The sweater left behind under someone’s bed, like the lost scarf in “All Too Well” or the lost glove in “It’s Nice To Have a Friend.” (Or the ex-wife’s dress left in the closet in Fiona Apple’s “Ladies”?) Swift sorts through the memories that go with breathing in the scent of a remembered lover, over brooding piano. “I knew you, leaving like a father, running like water” sure jumps out of the song, as startling as the “careless man’s careful daughter” in “Mine.” The day she wrote this song with the National’s Aaron Dessner, she posted a photo with the caption, “Not a lot going on at the moment.” Why do we ever believe a word she says?Best line: “Chase two girls, lose the one / When you are young they assume you know nothing.”

33

“Our Song” (2006)

The hit that made me a Swift fan, the first moment I heard it in 2007 – it knocked me sideways in the middle of lunch. (The CW played it as interstitial music between afternoon reruns of the Clueless sitcom and What I Like About You.) “Our song is a slamming screen door,” what a genius hook. I Googled to see who wrote this; it turned out the songwriter was also the singer and – how strange – she was just starting out. I hoped she might have at least another great tune or two in her.
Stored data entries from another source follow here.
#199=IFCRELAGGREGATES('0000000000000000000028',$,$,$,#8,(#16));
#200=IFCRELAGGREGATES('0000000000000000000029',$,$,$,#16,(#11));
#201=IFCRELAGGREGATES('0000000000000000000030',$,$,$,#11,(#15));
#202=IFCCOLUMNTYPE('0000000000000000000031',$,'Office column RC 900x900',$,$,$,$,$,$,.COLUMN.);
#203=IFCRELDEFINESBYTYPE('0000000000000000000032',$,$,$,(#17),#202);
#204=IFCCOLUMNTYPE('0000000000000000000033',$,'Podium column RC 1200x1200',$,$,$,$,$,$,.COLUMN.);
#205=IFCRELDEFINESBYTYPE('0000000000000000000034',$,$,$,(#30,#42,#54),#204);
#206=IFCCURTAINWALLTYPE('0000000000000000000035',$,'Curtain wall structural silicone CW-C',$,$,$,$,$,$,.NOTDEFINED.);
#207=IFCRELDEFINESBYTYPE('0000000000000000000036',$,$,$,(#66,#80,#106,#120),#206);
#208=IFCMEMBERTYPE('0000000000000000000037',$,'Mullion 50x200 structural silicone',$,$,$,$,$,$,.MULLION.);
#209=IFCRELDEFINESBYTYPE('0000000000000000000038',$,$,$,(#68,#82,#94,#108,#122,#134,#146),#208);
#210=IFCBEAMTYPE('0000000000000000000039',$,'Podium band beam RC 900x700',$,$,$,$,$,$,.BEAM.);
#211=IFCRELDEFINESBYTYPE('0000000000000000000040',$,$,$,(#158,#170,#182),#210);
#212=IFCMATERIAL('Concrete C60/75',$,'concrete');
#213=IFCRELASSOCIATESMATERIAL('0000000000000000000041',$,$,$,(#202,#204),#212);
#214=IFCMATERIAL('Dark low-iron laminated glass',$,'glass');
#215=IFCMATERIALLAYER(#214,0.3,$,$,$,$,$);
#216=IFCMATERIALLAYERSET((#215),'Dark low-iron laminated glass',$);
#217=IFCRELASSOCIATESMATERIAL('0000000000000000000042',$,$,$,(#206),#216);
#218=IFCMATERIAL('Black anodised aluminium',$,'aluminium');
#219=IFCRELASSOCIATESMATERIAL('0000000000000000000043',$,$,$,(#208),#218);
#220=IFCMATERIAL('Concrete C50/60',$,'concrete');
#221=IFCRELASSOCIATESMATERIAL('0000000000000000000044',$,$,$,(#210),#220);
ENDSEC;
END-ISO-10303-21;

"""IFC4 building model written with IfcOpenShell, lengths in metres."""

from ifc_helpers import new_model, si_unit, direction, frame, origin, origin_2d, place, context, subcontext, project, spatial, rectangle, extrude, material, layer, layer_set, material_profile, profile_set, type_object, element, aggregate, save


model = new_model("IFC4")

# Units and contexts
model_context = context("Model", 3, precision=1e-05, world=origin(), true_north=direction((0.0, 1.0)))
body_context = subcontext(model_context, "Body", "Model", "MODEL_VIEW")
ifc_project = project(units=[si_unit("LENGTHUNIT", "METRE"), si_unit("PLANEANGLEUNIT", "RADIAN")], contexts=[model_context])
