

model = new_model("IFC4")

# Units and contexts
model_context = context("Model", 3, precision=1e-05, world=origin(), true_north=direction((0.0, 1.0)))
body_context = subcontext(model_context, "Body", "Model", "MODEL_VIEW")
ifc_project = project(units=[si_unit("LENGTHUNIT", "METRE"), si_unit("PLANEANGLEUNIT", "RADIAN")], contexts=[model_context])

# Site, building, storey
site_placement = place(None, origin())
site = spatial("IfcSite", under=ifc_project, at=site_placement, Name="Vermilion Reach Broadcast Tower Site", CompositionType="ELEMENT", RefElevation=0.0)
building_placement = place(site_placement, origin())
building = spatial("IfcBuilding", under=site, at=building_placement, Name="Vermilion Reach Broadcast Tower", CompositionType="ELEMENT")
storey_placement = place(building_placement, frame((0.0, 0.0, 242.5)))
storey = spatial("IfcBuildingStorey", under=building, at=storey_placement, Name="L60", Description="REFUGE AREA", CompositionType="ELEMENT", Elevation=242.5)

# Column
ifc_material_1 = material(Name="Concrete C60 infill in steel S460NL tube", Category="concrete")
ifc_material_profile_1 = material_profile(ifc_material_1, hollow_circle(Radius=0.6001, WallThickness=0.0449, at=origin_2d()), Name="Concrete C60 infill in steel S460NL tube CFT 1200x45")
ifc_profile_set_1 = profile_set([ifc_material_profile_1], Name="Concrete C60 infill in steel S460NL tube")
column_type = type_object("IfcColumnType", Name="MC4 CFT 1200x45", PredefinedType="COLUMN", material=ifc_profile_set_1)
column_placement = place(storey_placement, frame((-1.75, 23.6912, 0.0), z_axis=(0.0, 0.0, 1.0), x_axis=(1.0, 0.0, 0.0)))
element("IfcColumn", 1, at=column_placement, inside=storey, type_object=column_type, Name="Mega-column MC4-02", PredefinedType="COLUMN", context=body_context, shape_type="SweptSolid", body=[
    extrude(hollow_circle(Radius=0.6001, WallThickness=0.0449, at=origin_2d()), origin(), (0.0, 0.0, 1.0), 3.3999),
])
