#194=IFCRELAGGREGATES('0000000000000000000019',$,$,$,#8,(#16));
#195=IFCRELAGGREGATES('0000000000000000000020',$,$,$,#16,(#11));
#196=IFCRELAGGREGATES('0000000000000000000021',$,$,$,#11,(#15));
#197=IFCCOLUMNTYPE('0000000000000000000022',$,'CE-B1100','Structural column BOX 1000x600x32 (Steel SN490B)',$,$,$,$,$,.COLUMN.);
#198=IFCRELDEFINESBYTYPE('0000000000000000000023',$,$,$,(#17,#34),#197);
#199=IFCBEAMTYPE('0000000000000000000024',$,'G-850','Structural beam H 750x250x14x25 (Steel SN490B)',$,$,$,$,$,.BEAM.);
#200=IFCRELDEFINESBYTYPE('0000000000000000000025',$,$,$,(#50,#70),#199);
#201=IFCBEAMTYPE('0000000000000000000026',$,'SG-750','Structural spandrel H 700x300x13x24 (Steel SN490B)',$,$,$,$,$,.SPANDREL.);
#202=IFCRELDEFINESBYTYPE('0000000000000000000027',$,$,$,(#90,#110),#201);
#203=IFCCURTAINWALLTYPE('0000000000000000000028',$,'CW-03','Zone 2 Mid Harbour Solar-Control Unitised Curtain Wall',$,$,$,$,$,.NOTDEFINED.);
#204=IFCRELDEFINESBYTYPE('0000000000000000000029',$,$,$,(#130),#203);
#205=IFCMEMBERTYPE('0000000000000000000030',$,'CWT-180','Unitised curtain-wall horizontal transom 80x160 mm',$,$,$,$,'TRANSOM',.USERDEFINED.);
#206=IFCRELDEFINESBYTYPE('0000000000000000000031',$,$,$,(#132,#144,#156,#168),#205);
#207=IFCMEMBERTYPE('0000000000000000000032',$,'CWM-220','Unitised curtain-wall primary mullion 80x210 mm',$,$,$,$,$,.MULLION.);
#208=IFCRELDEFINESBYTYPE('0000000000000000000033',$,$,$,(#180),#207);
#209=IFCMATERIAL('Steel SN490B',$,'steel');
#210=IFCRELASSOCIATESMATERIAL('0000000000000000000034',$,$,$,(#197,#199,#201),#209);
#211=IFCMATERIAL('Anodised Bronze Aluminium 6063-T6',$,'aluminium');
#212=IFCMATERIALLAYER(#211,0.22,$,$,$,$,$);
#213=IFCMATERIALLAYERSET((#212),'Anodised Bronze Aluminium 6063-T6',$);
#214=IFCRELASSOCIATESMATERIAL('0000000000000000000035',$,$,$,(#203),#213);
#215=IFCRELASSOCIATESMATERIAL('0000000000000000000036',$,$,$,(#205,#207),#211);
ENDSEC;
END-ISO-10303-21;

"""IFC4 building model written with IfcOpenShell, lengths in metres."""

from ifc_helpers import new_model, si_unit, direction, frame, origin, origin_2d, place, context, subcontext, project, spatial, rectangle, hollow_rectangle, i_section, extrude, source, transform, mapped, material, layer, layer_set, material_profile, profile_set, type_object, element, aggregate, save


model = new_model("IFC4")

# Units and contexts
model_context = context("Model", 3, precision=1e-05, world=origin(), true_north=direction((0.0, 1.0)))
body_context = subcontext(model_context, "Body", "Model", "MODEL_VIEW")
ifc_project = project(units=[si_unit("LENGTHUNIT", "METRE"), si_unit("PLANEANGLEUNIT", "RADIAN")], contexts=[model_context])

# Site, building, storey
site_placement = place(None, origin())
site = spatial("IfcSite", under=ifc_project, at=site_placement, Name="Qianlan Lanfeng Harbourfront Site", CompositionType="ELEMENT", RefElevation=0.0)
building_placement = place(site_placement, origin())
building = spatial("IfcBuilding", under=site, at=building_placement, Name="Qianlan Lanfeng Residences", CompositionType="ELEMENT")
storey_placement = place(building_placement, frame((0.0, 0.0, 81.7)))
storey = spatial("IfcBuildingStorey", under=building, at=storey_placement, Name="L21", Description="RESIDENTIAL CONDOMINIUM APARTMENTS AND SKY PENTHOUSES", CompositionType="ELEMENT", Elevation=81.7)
This song and that voice have kept slamming those screen doors ever since.Best line: “We’re on the phone, and you talk reeeeeal slow/’Cause it’s late and your mama don’t know.” Listen here.

32

“Evermore” (2020)

Taylor’s title tracks are usually bangers, but “Evermore” is a pensive piano meditation where she sits alone by the fireside, trying to figure out how it all went so wrong. We know Tay grew up a hardcore Def Leppard fan, so it’s no surprise the piano here echoes “Hysteria,” their saddest and most proto-Swiftian hit. (She sang a fantastic “Hysteria” with them on CMT in 2008.) Bon Iver’s Justin Vernon joins for the call-and-response bridge. Love the half-chuckle in the line “it was real enough to get me through”: the closest she comes to one of her Taylor Laughs in the Folklore/Evermore era.Best line: “I rewind the tape, but all it does is pause.”

31

“Red” (2012)

The mission statement for Red, this century’s most ridiculously masterful megapop manifesto. Eurodisco plus banjos – the glitter-cowgirl totality Shania Twain spent years trying to perfect, with a color-tripping lyric worthy of Prince Himself, faster than the wind, passionate as sin. Plus, her all-time gnarliest pileup of Swiftian metaphors. (Nitpick: What kind of crossword puzzle has no right answer? What self-respecting puzzlemaster would sign off on that?)Best line: “Lovin’ him is like driving a new Maserati down a dead-end street.” Listen here.

30

“Would’ve, Could’ve, Should’ve” (2022)

Taylor revisits the memory of her teenage self, with an adult sense of compassion. “Would’ve, Could’ve, Should’ve” is a powerful sequel to “Dear John,” but when she sang about this story before, her tone was more straightforward anger and regret. This song is messier, more confused, more ambivalent, as she struggles to understand the brash, complex 19-year-old artist/superstar/mirrorball she used to be. As she reflects, “I would have stayed on my knees/And I damn sure never would’ve danced with the devil at 19/And the God’s honest truth is that the pain was heaven.”Best line: “If I was some paint, did it splatter on a promising grown man?”